REUTERS ALERTNET/RUTH GIDLEY
IDERI, MALAWI (AlertNet) – Southern Africa is gearing up to get food rations to millions of people whose survival has been stretched to the edge by repeated drought, but food experts say emergency aid only keeps crises at bay for a year at a time.

More than half the regional population survives on less than $1 a day, so any extra hardship can easily push them into crisis. Repeated emergencies make people more at risk of permanent destitution, aid workers say.

“We pat each other on the back for having just saved lives. But we’ll be back next year,” Sam Chimwaza, Malawi country representative of the U.S. AID-funded Famine Early Warning Systems Network, FEWS NET, told AlertNet. “People are already asking if this year is a rehearsal for next. We are really not addressing the underlying causes.
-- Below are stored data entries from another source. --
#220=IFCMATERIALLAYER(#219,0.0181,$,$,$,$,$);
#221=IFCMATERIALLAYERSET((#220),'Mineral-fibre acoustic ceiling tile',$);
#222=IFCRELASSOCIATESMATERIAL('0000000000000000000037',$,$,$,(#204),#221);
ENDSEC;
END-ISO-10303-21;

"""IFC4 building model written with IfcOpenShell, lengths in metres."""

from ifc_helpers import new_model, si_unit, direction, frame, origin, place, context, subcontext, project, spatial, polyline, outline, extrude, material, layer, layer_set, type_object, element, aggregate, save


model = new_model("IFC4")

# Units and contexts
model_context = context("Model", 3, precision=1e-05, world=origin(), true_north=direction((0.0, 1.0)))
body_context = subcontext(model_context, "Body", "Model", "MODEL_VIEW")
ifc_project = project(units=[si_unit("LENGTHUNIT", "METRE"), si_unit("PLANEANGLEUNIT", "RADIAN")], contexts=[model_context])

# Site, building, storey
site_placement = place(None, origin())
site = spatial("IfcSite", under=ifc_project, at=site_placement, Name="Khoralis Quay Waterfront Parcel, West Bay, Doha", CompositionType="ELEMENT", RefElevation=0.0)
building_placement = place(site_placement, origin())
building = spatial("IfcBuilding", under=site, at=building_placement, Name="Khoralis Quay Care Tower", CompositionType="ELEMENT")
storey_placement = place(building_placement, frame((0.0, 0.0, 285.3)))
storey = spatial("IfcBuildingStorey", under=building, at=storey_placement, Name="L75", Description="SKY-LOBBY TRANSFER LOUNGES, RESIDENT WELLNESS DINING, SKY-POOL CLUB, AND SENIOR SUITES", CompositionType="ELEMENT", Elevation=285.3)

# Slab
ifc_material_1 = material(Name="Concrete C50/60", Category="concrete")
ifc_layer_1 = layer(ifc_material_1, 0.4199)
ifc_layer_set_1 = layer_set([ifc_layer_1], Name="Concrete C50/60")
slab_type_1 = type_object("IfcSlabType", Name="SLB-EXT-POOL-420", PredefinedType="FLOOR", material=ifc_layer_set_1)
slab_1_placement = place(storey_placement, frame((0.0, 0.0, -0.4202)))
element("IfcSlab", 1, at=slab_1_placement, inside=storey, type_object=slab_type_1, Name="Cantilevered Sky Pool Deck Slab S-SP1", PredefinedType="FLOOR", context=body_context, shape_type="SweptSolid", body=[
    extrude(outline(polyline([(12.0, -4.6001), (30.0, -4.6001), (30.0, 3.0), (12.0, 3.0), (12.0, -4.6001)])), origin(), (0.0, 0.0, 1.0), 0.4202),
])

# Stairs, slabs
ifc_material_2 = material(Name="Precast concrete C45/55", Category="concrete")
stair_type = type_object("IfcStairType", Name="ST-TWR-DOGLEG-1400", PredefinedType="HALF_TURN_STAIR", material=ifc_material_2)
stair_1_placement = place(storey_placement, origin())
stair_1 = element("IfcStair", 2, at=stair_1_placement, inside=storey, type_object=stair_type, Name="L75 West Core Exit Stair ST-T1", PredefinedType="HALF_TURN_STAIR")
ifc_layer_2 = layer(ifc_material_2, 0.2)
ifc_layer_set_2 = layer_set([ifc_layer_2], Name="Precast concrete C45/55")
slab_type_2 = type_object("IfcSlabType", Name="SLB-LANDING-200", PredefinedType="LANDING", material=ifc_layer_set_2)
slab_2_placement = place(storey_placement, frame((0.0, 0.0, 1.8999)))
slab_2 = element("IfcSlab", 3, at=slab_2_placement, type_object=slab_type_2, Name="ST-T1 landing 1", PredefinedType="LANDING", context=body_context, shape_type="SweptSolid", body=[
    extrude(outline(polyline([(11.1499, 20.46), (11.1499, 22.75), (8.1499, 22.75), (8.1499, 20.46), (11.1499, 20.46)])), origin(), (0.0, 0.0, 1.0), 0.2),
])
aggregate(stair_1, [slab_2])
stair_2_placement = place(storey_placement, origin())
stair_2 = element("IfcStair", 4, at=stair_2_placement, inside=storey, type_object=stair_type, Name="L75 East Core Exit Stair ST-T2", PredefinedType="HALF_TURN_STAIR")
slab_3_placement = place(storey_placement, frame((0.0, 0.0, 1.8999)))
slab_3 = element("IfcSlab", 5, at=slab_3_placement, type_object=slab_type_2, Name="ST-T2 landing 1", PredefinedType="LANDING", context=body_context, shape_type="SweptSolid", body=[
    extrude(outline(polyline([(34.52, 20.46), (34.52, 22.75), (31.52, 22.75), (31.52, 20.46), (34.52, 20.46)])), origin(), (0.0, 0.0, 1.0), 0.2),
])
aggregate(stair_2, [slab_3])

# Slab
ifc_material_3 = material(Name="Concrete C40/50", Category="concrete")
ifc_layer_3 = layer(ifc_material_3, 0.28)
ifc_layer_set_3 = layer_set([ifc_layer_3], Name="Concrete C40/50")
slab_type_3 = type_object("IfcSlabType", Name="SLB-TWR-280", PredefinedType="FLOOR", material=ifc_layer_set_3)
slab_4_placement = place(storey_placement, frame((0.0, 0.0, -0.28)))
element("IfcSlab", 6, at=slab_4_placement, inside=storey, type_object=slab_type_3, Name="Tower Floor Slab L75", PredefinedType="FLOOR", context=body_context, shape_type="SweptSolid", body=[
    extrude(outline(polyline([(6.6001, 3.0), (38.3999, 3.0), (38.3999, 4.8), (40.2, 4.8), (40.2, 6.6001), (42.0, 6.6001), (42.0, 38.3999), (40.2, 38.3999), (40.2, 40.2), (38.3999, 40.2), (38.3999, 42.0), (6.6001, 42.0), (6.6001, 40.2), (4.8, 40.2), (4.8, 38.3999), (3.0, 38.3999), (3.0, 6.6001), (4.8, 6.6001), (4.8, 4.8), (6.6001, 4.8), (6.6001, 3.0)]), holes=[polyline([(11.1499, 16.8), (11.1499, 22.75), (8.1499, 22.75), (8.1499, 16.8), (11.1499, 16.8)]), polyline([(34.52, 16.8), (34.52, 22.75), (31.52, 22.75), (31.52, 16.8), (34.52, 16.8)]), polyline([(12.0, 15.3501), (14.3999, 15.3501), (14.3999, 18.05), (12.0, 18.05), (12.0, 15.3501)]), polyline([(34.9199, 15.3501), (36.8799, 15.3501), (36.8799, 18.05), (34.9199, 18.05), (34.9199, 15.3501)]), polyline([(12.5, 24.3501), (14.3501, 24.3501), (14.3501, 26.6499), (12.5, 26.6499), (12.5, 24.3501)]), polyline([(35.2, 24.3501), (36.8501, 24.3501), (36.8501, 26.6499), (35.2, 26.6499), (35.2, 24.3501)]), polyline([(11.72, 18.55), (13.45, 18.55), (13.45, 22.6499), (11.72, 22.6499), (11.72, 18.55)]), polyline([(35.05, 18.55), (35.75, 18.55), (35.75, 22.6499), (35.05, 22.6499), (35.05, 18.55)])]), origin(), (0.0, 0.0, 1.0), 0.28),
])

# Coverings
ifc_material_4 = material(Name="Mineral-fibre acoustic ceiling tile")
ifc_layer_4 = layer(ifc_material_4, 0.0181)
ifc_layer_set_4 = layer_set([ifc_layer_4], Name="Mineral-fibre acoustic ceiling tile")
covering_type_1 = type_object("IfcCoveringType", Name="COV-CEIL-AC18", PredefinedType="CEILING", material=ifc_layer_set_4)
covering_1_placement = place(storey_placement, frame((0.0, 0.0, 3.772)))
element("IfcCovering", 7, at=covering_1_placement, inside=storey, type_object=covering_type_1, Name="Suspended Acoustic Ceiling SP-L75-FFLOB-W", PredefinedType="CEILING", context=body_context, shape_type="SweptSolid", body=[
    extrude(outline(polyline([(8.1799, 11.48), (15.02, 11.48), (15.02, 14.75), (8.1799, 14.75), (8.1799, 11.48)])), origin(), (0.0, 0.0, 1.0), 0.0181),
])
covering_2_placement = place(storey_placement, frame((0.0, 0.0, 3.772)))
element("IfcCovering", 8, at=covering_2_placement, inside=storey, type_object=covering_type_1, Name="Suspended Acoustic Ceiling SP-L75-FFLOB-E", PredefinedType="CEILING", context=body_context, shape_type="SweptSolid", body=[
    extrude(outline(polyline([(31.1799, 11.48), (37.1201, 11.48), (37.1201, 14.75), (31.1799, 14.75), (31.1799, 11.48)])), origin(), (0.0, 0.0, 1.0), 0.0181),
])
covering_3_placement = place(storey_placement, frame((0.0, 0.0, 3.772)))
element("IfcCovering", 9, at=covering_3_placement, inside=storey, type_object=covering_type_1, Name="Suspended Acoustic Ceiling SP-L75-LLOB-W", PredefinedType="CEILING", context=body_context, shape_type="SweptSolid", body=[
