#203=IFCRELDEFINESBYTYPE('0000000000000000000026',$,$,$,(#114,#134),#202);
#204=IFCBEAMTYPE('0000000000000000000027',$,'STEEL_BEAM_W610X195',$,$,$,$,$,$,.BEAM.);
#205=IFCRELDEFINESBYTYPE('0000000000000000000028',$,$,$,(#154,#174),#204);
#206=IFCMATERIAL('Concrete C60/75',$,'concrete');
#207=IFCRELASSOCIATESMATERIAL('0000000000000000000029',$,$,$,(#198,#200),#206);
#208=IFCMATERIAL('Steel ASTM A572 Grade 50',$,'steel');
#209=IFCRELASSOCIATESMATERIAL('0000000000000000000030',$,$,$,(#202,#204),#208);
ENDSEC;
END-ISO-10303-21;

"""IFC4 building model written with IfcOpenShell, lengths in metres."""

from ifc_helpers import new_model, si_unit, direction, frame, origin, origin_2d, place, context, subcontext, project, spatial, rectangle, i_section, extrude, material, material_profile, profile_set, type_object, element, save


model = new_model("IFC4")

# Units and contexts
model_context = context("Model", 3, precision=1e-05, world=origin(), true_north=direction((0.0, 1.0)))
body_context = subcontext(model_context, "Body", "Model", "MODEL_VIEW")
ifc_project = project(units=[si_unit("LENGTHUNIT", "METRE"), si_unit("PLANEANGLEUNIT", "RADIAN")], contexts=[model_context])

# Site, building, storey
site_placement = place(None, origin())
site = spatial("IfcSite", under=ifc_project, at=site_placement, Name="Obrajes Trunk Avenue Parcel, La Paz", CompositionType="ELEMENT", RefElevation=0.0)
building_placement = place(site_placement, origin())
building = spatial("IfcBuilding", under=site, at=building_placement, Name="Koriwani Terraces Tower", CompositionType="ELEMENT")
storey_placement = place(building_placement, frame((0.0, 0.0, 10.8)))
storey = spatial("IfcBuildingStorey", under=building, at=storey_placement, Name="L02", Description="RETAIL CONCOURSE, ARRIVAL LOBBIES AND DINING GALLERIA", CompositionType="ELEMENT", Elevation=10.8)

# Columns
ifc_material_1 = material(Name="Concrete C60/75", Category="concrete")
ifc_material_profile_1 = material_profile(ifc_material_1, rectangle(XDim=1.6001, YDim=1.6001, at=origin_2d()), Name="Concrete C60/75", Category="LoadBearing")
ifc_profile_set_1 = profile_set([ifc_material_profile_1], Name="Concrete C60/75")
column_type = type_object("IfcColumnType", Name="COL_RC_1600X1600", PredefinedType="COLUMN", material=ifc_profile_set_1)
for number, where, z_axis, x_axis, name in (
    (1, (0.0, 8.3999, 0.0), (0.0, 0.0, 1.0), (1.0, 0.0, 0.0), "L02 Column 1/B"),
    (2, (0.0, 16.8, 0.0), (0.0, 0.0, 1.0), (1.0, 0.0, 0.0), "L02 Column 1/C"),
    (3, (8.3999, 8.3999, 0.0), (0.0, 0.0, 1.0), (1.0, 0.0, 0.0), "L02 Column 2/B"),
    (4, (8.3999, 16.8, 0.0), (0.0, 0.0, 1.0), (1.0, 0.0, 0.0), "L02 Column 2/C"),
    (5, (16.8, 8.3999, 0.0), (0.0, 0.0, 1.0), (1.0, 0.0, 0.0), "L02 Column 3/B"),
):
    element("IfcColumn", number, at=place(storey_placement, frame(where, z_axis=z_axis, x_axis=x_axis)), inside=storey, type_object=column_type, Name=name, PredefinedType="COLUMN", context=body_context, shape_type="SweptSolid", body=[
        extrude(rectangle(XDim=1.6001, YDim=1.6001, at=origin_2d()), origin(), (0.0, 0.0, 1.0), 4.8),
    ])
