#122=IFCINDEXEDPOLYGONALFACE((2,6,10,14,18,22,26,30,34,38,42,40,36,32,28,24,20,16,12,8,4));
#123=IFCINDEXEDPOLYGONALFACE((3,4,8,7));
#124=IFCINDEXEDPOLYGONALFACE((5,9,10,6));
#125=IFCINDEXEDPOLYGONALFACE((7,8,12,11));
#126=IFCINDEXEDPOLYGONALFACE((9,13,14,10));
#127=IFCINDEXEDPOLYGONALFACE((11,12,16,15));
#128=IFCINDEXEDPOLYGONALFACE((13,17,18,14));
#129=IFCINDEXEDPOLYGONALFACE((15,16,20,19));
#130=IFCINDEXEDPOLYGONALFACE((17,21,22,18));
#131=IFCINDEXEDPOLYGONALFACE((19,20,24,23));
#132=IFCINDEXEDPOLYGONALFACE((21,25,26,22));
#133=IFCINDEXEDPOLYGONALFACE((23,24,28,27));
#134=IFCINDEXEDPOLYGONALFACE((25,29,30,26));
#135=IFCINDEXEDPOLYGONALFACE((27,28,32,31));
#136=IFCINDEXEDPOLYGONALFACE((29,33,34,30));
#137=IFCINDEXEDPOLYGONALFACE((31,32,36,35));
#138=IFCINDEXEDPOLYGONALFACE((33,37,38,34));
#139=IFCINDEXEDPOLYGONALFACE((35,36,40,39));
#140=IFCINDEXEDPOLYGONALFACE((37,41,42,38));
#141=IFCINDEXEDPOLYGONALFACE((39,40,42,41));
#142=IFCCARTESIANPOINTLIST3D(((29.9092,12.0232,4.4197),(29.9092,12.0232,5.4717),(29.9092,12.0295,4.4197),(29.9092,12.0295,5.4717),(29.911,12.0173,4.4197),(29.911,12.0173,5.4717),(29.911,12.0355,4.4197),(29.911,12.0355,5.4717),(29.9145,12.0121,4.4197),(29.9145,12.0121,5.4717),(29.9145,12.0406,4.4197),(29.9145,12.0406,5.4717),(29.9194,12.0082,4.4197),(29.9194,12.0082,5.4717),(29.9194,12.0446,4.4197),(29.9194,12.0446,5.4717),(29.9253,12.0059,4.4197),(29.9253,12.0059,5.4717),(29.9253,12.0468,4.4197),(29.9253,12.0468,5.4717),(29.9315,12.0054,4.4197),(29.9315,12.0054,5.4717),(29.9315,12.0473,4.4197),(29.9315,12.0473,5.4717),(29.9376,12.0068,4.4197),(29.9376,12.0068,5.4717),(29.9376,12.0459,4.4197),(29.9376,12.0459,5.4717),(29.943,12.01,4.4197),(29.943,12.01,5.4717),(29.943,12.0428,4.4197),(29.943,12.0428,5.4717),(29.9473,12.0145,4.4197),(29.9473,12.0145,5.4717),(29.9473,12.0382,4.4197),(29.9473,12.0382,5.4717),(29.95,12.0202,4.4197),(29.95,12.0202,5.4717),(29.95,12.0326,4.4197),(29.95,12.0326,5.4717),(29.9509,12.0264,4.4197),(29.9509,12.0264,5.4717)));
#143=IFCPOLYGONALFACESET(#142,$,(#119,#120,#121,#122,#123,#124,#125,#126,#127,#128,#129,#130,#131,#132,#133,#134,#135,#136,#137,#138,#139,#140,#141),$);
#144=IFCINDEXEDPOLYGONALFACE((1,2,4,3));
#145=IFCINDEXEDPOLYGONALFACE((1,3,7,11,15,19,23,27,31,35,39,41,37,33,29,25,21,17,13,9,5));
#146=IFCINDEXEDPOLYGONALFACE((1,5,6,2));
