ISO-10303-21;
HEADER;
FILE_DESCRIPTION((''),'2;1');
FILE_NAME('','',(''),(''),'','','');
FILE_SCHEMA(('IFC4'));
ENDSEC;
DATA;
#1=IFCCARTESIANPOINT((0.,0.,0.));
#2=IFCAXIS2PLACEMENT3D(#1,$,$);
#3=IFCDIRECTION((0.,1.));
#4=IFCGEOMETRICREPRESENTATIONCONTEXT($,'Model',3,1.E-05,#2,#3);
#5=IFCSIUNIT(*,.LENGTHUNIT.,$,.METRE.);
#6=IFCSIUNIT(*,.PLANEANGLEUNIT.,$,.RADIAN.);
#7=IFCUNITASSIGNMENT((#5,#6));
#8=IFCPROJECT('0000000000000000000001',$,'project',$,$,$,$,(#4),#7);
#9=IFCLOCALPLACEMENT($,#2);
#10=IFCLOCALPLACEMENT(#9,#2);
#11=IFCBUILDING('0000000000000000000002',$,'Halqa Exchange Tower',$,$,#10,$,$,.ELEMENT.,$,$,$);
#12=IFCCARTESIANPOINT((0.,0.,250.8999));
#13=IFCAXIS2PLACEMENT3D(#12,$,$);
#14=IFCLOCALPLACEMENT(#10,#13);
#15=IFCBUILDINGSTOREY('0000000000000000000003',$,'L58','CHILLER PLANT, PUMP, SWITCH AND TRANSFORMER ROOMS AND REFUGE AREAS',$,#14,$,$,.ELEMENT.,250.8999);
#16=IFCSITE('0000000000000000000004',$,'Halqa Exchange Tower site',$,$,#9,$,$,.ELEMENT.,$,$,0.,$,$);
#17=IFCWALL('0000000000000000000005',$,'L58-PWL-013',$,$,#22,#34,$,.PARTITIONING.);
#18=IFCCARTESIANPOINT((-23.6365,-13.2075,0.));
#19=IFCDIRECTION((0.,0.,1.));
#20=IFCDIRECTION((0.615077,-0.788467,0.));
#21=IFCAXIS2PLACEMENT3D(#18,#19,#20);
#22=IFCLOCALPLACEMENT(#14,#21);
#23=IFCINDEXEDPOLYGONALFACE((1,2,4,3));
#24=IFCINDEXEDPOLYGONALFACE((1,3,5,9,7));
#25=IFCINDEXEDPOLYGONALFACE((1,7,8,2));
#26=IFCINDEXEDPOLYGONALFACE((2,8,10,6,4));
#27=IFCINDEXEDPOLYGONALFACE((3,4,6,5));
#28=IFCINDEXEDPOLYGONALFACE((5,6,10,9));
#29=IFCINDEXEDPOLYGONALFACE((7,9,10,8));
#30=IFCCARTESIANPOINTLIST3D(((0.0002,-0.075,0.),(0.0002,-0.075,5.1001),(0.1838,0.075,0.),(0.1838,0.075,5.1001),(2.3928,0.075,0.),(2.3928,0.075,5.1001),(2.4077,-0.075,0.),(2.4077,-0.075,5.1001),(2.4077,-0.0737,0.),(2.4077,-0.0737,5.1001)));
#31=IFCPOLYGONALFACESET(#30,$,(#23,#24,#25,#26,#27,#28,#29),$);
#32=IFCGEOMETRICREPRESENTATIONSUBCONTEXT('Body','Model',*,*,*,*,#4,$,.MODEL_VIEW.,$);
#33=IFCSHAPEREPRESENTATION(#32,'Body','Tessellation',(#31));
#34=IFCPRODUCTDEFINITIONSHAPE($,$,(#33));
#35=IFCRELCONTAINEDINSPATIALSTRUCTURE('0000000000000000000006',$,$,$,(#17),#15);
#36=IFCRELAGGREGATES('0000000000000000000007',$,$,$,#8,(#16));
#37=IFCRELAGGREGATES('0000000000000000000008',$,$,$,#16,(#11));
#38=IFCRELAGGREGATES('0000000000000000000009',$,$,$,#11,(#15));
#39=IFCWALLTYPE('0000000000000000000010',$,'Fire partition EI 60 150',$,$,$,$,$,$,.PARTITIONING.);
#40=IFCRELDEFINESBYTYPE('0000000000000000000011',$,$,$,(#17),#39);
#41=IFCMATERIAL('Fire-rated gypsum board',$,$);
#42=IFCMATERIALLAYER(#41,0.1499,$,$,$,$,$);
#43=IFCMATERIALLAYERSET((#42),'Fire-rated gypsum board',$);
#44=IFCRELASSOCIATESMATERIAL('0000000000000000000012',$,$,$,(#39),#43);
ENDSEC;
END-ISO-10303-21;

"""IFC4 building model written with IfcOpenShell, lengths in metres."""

from ifc_helpers import new_model, si_unit, direction, frame, origin, place, context, subcontext, project, spatial, polyline, outline, extrude, material, layer, layer_set, type_object, element, save


model = new_model("IFC4")

# Units and contexts
model_context = context("Model", 3, precision=1e-05, world=origin(), true_north=direction((0.0, 1.0)))
body_context = subcontext(model_context, "Body", "Model", "MODEL_VIEW")
ifc_project = project(units=[si_unit("LENGTHUNIT", "METRE"), si_unit("PLANEANGLEUNIT", "RADIAN")], contexts=[model_context])

# Site, building, storey
site_placement = place(None, origin())
site = spatial("IfcSite", under=ifc_project, at=site_placement, Name="Halqa Exchange Tower site", CompositionType="ELEMENT", RefElevation=0.0)
building_placement = place(site_placement, origin())
building = spatial("IfcBuilding", under=site, at=building_placement, Name="Halqa Exchange Tower", CompositionType="ELEMENT")
storey_placement = place(building_placement, frame((0.0, 0.0, 250.8999)))
storey = spatial("IfcBuildingStorey", under=building, at=storey_placement, Name="L58", Description="CHILLER PLANT, PUMP, SWITCH AND TRANSFORMER ROOMS AND REFUGE AREAS", CompositionType="ELEMENT", Elevation=250.8999)

# Wall
ifc_material_1 = material(Name="Fire-rated gypsum board")
ifc_layer_1 = layer(ifc_material_1, 0.1499)
ifc_layer_set_1 = layer_set([ifc_layer_1], Name="Fire-rated gypsum board")
wall_type = type_object("IfcWallType", Name="Fire partition EI 60 150", PredefinedType="PARTITIONING", material=ifc_layer_set_1)
wall_1_placement = place(storey_placement, frame((-23.6365, -13.2075, 0.0), z_axis=(0.0, 0.0, 1.0), x_axis=(0.615077, -0.788467, 0.0)))
element("IfcWall", 1, at=wall_1_placement, inside=storey, type_object=wall_type, Name="L58-PWL-013", PredefinedType="PARTITIONING", context=body_context, shape_type="SweptSolid", body=[
    extrude(outline(polyline([(2.4077, -0.075), (2.4077, -0.0737), (2.3928, 0.075), (0.1838, 0.075), (0.0002, -0.075), (2.4077, -0.075)])), origin(), (0.0, 0.0, 1.0), 5.1001),
])

save(model, "model.ifc")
“Despite all the assistance over the years, why is it that we are still seeing people falling into poverty?” Chimwaza asked. “Food aid hasn’t actually helped the people we intend to help.”

Malawi’s annual gross national income per capita is $170, and almost 42 percent of the population lives on less than $1 a day, according to the U.N. Development Programme.

Chimwaza said donors in North America were too ready to send food aid around the world on a journey that could take up to six months, instead of giving cash for Malawi to buy maize much closer to home.

“Food aid is a business. They’ve got companies invested in shipping,” he said.

About 75 percent of food aid donations were in the form of food in 2004. The United States, one of the largest donors, gives 99 percent of its food aid in the form of surplus grains from its own farmers.

“Why can’t they give money to buy it?” Chimwaza asked. “South Africa has maize but hasn’t given us grains, it’s given us cash. While we are suffering here, and we appreciate the food that comes, we are starting to ask questions.”

HAND-TO-MOUTH

ActionAid, an aid agency which focuses on development but also addresses emergencies, says nothing will change unless emergency measures look to the medium-term as well as the short-term.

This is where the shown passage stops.